Dividing by multiplying

Today I was staring at some LLVM IR and AArch64 assembly that went a little like this:

for (int i = 0; i < foo.field.size(); ++i) { ... }
cleanup:                   // %preds: for.body, ...
    %sdiv.i.i = sdiv exact i64 %ptr.sub.i.i, i64 120, ...
.BB34:                     ; %cleanup
    ldp x8, x9, [x20, #72]
    sub x9, x9, x8
    asr x9, x9, 3
    mul x9, x9, x23        ; !!!

That 120 comes from foo.field being a std::vector<T> where sizeof(T) == 120. The assembly loads the start and end of the vector’s active capacity and does some pointer arithmetic to calculate size(), where it has to divide by 120. It divides by 8 with a shift, and that mul somehow performs division by 15.

A little manual dataflow analysis showed that x23 was initialized as such in the loop preheader and never def’d again:

mov  x23, #-1229782938247303442  ; 0xeeeeeeeeeeeeeeee
; ... about ten instructions, for some reason
movk x23, #61167                 ; 0xeeef

ARM’s movk instruction means to move in a 16-bit immediate while keeping the rest of the bits unchanged. One can optionally shift the immediate before moving, but that didn’t happen here. In fact, because ARM instructions must fit in 32-bit words, it typically takes several movk instructions to load a 64-bit immediate, like so:

mov     x22, #14673
movk    x22, #34235, lsl #16
movk    x22, #36191, lsl #32
movk    x22, #62601, lsl #48

I suppose some compression magic happens to let it load 0xeeeeeeeeeeeeeeee in one go.

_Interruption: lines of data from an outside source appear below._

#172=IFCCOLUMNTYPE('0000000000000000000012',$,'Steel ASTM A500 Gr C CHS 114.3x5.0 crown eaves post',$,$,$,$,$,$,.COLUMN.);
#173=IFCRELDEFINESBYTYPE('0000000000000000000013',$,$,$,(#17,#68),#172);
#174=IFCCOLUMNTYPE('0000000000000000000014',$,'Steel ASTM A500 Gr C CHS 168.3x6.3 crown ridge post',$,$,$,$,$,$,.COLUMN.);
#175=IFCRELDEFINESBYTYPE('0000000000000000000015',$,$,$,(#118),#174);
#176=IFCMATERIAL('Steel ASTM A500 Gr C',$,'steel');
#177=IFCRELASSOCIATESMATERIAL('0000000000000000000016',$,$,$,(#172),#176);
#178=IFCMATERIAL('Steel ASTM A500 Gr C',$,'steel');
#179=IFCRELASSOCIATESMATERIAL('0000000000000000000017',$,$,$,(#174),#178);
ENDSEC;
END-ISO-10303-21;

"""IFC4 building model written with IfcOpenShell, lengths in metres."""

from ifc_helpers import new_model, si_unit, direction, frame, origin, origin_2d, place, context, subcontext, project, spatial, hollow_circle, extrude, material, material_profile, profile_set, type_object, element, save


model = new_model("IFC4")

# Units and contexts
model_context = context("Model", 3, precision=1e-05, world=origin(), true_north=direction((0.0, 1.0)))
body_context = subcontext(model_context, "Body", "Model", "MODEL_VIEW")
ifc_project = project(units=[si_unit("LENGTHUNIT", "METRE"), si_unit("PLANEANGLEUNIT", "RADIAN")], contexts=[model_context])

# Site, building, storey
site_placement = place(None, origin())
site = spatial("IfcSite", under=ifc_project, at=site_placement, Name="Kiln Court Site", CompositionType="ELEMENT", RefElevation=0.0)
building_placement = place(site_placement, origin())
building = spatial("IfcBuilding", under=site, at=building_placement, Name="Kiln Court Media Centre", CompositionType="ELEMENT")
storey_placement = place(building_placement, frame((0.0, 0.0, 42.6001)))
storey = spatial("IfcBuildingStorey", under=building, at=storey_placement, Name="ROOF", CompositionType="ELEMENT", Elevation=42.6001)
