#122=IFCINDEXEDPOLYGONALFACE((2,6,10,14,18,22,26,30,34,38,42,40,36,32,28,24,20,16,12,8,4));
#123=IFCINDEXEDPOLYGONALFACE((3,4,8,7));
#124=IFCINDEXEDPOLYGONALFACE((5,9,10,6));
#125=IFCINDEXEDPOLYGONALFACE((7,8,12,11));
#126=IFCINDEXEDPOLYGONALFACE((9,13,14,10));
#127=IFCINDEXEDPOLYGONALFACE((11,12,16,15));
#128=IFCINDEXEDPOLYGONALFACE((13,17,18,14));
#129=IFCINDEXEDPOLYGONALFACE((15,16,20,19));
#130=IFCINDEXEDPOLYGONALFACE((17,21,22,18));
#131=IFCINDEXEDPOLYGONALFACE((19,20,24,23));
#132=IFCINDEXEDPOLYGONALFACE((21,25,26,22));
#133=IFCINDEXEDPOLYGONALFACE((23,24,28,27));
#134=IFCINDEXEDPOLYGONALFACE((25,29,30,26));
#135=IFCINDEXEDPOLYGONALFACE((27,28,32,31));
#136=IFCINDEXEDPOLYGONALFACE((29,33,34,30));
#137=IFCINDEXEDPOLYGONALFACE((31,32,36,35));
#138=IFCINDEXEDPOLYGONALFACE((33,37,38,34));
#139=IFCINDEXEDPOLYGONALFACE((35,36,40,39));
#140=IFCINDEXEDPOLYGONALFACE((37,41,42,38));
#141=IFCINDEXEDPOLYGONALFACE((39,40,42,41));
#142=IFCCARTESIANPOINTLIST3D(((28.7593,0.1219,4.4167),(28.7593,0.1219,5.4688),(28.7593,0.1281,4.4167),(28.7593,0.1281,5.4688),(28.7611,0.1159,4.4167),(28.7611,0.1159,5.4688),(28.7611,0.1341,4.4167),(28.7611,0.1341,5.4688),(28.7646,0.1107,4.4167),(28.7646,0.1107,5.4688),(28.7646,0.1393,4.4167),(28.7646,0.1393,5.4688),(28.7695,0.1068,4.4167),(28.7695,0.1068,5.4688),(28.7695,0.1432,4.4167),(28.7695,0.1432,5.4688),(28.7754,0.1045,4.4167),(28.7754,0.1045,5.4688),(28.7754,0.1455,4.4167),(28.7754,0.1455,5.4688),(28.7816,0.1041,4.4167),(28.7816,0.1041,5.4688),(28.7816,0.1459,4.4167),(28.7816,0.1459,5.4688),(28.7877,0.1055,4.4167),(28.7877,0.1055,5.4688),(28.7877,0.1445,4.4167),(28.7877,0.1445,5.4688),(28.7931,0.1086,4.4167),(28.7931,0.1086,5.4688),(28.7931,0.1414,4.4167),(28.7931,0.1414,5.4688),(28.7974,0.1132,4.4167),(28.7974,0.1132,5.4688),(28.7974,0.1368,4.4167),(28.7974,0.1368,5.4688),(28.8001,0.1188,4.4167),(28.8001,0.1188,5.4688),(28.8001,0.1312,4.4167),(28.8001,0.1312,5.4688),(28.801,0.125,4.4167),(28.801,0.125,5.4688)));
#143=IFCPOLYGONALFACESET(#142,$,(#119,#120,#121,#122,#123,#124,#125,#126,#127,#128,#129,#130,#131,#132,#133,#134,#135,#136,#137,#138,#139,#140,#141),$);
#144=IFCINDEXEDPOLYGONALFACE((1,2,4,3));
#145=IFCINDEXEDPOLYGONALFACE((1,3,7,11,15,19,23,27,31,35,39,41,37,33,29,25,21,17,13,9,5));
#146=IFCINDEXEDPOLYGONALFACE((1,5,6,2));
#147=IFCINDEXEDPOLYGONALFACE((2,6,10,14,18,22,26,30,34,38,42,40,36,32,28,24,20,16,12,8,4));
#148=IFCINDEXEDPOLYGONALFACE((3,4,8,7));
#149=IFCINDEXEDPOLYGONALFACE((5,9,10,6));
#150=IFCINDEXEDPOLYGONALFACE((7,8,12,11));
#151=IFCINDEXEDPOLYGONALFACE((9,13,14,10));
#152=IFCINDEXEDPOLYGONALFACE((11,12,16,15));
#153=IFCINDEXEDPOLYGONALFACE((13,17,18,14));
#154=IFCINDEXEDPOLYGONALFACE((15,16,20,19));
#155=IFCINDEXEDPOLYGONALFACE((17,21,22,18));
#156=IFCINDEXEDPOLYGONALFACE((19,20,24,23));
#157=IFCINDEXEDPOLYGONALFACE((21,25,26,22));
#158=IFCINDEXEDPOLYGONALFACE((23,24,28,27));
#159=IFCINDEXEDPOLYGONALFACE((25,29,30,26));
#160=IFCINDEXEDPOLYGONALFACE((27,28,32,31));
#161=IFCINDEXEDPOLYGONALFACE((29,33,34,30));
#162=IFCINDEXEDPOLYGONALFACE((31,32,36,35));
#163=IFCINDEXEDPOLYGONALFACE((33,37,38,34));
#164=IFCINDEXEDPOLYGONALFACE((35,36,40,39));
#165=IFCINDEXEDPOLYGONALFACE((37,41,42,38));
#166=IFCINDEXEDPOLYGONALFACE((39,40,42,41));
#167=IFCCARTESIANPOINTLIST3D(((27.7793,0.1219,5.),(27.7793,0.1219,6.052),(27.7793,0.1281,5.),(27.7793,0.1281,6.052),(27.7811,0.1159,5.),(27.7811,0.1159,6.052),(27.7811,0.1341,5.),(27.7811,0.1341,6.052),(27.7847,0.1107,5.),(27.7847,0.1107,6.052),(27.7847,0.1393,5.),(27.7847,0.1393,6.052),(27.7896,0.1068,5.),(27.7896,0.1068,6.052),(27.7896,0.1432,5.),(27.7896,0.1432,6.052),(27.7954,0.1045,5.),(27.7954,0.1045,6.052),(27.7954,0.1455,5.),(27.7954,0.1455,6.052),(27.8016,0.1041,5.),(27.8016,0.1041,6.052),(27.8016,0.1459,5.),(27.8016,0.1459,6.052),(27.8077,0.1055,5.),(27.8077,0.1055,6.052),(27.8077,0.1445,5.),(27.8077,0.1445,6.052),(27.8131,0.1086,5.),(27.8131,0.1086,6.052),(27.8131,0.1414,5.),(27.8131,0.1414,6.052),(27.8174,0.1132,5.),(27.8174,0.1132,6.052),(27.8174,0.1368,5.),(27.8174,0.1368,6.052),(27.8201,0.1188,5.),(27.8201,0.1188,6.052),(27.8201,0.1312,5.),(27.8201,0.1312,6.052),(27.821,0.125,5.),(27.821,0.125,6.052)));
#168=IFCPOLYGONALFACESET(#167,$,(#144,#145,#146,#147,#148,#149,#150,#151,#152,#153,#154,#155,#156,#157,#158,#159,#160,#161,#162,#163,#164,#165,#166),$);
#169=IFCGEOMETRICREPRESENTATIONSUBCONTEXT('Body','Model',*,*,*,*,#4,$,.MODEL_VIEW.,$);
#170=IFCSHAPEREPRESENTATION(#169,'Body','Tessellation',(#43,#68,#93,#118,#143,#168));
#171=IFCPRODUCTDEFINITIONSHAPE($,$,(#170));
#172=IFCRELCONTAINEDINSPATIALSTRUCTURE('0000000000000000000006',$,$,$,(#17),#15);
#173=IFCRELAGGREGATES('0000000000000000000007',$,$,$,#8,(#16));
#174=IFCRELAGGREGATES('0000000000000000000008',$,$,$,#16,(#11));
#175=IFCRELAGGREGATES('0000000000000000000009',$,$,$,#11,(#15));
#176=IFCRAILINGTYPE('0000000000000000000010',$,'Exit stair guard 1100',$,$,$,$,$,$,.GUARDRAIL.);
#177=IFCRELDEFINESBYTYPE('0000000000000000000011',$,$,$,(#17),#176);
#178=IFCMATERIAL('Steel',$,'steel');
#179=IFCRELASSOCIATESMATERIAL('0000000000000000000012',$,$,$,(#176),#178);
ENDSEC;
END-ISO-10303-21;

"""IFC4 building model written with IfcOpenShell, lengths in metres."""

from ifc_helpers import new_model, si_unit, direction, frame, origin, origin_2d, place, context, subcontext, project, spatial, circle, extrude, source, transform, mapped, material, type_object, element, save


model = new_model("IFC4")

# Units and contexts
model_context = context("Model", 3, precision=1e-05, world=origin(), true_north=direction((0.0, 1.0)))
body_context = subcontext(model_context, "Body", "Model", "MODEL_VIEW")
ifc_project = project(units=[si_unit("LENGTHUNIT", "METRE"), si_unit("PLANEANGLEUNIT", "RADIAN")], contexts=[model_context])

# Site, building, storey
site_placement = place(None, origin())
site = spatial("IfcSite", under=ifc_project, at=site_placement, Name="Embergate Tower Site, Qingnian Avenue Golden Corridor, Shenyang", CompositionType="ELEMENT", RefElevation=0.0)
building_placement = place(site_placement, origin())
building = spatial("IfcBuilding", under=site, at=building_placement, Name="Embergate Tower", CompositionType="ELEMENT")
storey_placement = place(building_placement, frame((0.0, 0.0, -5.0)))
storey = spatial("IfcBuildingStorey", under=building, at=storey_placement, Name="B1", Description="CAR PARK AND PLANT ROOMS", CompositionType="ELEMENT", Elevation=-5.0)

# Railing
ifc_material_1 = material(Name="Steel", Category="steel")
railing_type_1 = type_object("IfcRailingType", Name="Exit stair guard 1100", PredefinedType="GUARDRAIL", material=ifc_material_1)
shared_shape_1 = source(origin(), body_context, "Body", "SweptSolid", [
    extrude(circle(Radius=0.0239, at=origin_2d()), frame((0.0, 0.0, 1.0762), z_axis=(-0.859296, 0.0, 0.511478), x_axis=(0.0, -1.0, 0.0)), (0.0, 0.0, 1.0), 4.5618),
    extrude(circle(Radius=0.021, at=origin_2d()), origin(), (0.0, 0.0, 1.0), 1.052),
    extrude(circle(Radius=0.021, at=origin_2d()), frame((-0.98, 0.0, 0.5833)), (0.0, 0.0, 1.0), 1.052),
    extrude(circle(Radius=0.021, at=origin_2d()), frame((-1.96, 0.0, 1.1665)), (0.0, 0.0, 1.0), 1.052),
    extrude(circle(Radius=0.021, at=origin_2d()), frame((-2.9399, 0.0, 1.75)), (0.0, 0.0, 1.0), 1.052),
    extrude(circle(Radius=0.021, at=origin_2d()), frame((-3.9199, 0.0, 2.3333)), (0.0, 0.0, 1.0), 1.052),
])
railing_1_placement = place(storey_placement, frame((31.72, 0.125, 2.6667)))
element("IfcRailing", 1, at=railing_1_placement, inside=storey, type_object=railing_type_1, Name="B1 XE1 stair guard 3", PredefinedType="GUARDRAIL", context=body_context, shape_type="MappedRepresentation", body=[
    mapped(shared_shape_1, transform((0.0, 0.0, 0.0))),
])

Anyways, the final value of x23 is 0xeeeeeeeeeeeeeeef. Turns out this is the multiplicative inverse of 15 in \(\mathbb{Z}_{2^{64}}\). Just for fun, here’s that multiplication carried out by hand against 480, yielding 32 as expected (in 16-bit, for brevity):

                                                  
mtplr    1 1 1 0 1 1 1 0 1 1 1 0 1 1 1 1
mcand               1 1 1 1 0 0 0 0 0
  ___ ___ ___ ___ ___ ___ ___ ___ ___ ___ ___ ___ ___ ___ ___ ___
carry 3 3 3 3 3 3 3 2 1 0 0 0 0 0 0 0
  ___ ___ ___ ___ ___ ___ ___ ___ ___ ___ ___ ___ ___ ___ ___ ___
  1 1 0 1 1 1 0 1 1 1 1          
  1 0 1 1 1 0 1 1 1 1            
  0 1 1 1 0 1 1 1 1              
  1 1 1 0 1 1 1 1                
  ___ ___ ___ ___ ___ ___ ___ ___ ___ ___ ___ ___ ___ ___ ___ ___
  0 0 0 0 0 0 0 0 0 0 1 0 0 0 0 0

This suggests that division by a compile-time constant actually never requires division. Say \(p\) is some prime radix (typically 2) in a number system with \(j\) bits, and \(n = p^k \ell\) with \(k \leq j\) and \(\gcd(p, \ell) = 1 \implies \gcd(p^j, \ell) = 1\). By counting the number of zero bits of \(n\) from the right, you can divide out all the powers of \(p\) with bitshifts and then multiply by \(\ell^{-1} \in \mathbb{Z}_{p^j}\), which is guaranteed to exist. LLVM does exactly this! They find multiplicative inverses with Newton’s method.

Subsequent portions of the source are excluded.